I genitori l’hanno chiamato Marcus in onore di Garvey, scrittore e sindacalista giamaicano, una vita di battaglie in piazza per difendere i diritti degli afroamericani: un particolare che suo padre Lilian e sua mamma Sandra raccontano con orgoglio. Thuram junior si è rivelato l’idea geniale dell’Inter: è arrivato gratis dal Borussia Mönchengladbach, ha firmato un contratto da sei milioni netti, una cifra che corrisponde al 65% in meno di quanto la famiglia Zhang spendeva per gli ingaggi di Lukaku e Dzeko, spariti presto nei pensieri dei dirigenti e dei tifosi come disegni sulla sabbia. È diventato il gemello perfetto di Lautaro: questione di chimica. Se Kvara si era dimostrato il socio ideale di Osimhen, l’intuizione meravigliosa del Napoli campione d’Italia, il francese è stato l’affare low-cost di un mercato intelligente, dove la competenza a volte può piegare l’onda di chi ha tanti soldi. Quattordici gol tra campionato e coppe: da poster quello di ieri sera nel derby. Dodici assist. Ricchezza di contenuti e modernità.
Milano nel destino di Thuram
Lo aspettavano, un anno fa, negli uffici del Milan. Ha preferito un altro indirizzo: viale della Liberazione, zona Porta Nuova, la casa dell’Inter. Empatia e istinto hanno pesato più della proposta economica. Una scelta determinata anche dalla decisione parallela di Gerry Cardinale di separarsi da Paolo Maldini, il primo a chiamare Thuram. San Siro era nel suo destino, comunque.
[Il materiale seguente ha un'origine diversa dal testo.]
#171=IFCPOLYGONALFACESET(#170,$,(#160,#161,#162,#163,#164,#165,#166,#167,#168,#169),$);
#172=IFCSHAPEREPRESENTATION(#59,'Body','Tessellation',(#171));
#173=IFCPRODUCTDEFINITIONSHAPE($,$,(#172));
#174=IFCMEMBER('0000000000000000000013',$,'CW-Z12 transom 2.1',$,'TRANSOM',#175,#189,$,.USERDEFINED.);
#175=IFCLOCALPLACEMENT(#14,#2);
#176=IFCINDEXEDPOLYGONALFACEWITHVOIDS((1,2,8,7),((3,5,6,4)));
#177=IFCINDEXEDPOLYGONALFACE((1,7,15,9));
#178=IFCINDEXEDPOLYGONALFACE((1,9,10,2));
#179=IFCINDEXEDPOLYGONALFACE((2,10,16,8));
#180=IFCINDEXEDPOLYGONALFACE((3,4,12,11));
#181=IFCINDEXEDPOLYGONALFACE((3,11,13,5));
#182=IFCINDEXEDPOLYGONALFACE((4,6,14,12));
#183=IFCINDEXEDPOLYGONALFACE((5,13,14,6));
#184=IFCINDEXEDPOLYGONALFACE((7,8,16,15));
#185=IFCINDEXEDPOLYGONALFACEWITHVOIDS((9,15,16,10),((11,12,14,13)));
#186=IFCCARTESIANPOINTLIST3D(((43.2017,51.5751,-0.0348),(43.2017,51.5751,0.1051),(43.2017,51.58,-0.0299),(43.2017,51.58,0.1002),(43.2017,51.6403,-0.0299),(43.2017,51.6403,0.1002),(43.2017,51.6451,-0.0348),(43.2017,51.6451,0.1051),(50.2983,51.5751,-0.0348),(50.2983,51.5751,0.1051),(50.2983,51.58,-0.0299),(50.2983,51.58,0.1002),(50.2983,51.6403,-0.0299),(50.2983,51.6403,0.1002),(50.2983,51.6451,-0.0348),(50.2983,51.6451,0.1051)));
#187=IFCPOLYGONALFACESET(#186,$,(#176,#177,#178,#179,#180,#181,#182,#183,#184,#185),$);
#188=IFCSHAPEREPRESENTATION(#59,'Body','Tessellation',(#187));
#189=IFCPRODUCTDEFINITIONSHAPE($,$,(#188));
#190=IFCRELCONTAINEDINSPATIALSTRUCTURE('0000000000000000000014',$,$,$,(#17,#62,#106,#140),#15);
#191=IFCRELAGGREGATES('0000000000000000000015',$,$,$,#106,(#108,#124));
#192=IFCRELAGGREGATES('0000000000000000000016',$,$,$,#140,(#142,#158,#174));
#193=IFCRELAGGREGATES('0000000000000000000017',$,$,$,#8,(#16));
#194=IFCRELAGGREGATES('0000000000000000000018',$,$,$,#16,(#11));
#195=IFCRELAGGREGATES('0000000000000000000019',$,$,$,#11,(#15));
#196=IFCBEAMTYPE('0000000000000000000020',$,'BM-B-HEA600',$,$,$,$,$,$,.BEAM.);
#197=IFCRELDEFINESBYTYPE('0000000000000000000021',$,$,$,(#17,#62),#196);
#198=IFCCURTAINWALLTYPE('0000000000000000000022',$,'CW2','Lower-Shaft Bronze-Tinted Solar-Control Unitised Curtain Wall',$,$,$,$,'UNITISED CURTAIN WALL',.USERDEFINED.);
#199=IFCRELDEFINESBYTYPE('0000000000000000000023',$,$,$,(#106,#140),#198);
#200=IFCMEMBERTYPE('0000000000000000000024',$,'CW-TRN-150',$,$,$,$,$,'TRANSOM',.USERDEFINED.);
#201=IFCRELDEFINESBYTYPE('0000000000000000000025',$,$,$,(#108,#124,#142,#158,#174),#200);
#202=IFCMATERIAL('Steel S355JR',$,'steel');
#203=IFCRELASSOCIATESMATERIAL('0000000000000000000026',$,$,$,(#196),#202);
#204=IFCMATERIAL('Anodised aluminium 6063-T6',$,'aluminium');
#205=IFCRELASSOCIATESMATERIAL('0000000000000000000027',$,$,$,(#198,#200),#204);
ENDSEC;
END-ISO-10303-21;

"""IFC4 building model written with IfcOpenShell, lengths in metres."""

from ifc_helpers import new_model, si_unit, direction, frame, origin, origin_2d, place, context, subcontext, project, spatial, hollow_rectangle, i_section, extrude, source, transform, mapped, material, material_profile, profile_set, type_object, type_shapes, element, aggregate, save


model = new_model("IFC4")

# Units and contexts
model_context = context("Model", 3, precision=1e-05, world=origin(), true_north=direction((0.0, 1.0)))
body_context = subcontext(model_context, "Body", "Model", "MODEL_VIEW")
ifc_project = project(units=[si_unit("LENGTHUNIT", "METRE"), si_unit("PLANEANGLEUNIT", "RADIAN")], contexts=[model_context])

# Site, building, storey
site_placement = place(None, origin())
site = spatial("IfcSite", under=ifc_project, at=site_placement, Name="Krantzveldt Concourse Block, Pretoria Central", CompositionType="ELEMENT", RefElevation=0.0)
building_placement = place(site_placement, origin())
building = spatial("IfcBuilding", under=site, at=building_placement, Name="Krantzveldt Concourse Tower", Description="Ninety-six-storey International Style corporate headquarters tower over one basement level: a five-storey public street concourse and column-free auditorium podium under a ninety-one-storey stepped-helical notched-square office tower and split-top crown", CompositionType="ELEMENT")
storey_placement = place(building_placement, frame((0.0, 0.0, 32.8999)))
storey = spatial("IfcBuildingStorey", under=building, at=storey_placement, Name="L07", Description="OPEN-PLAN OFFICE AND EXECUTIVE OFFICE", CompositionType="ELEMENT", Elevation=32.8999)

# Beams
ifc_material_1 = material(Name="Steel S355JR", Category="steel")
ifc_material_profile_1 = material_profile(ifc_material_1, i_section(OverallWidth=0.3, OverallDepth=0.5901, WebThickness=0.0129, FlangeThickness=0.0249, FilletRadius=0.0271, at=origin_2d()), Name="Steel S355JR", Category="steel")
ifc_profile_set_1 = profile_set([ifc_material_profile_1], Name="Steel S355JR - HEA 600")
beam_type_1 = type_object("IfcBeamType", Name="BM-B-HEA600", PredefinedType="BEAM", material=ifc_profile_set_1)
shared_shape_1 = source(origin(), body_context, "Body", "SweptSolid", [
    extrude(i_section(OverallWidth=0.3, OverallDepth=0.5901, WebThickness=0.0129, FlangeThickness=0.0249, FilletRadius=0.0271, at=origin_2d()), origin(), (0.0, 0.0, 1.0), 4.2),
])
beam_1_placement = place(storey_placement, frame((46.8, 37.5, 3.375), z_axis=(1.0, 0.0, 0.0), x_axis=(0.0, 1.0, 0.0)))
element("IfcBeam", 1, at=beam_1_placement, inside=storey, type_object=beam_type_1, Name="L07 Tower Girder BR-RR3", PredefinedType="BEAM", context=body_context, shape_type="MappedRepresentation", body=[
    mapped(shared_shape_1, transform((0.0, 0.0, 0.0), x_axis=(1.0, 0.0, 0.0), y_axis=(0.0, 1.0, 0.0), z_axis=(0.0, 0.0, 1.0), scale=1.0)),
Il 21 ottobre del 2020 era sceso dal pullman del Borussia, nel parcheggio dello stadio, in attesa di sfidare l’Inter di Conte nella fase a gironi di Champions. Indossava la tuta del club tedesco e portava la mascherina, che era obbligatoria a causa della pandemia. Mentre si stava dirigendo verso lo spogliatoio, Marcus fu fermato da uno steward dell’Uefa che gli chiese di mostrargli un documento. Due minuti infiniti, perché il passaporto non era nello zainetto. Lo aveva dimenticato in albergo. La soluzione? Farsi riconoscere attraverso la foto del suo profilo su Wikipedia. Una scena finita nel suo diario di Instagram. E la partita? Un pareggio: 2-2, doppietta di Lukaku e gol di Bensebaini e Hofmann.
La famiglia
Da suo padre, un modello di stile e saggezza, ha ereditato il fascino della normalità, il gusto di vivere tra la gente, senza barriere e comportamenti da divo. A Milano va a fare la spesa al supermercato. È impegnato nel sociale. Il calcio di strada, “football de rue”, è il gancio che unisce epoche e generazioni. Ha trascorso qualche pomeriggio sui campi dell’Unione Sportiva “Triestina 1946”, in via Fleming. È sbucato a sorpresa dallo sportello scorrevole di un furgone, ha regalato maglie e palloni, si è fermato a giocare con i ragazzi. Ha sposato una serie di progetti dell’associazione Kayros, fondata a Lambrate da don Claudio Burgio: una comunità di accoglienza per minori. Un cognome impegnativo e la capacità di non farsi mai schiacciare dai paragoni, che sono il morbillo del suo ambiente. Lilian guida una Fondazione. Diritti, immigrazione e razzismo. È ambasciatore dell’Unicef. Ha scritto tre libri: “Il pensiero bianco”, “Le mie stelle nere, da Lucy a Barack Obama” e “Per l’uguaglianza”. Da magnifico difensore a intellettuale. Marcus, chiamato Tikus, ha un fratello: Khéphren, mezzala del Nizza di Farioli. Il suo idolo era Ronaldo. Prima di vincere lo scudetto e la Supercoppa con l’Inter aveva conquistato solo un titolo Europeo con la Francia Under 19, in compagnia di Kylian Mbappé e dell’allenatore Ludovic Batelli. Era il 24 luglio del 2016: 4-0 all’Italia di Barella e Dimarco, che adesso si fanno i selfie con lui durante festa per la seconda stella.
Thuram, le origini e i complimenti
È nato in una clinica di Parma. Una carriera cominciata nell’Olympique de Neuilly e nel Boulogne-Billancourt. Ai tifosi del Borussia ha lasciato 34 gol e un video che aiuta a comprendere la sua maturità: «Quattro anni fa mi conoscevate per il mio cognome. Grazie per avermi permesso di allargare i confini dei miei sogni». Nell’Inter il complimento più bello l’ha ricevuto da Massimo Moratti: «Intelligenza e qualità, ci ha subito affascinato». Come una medaglia.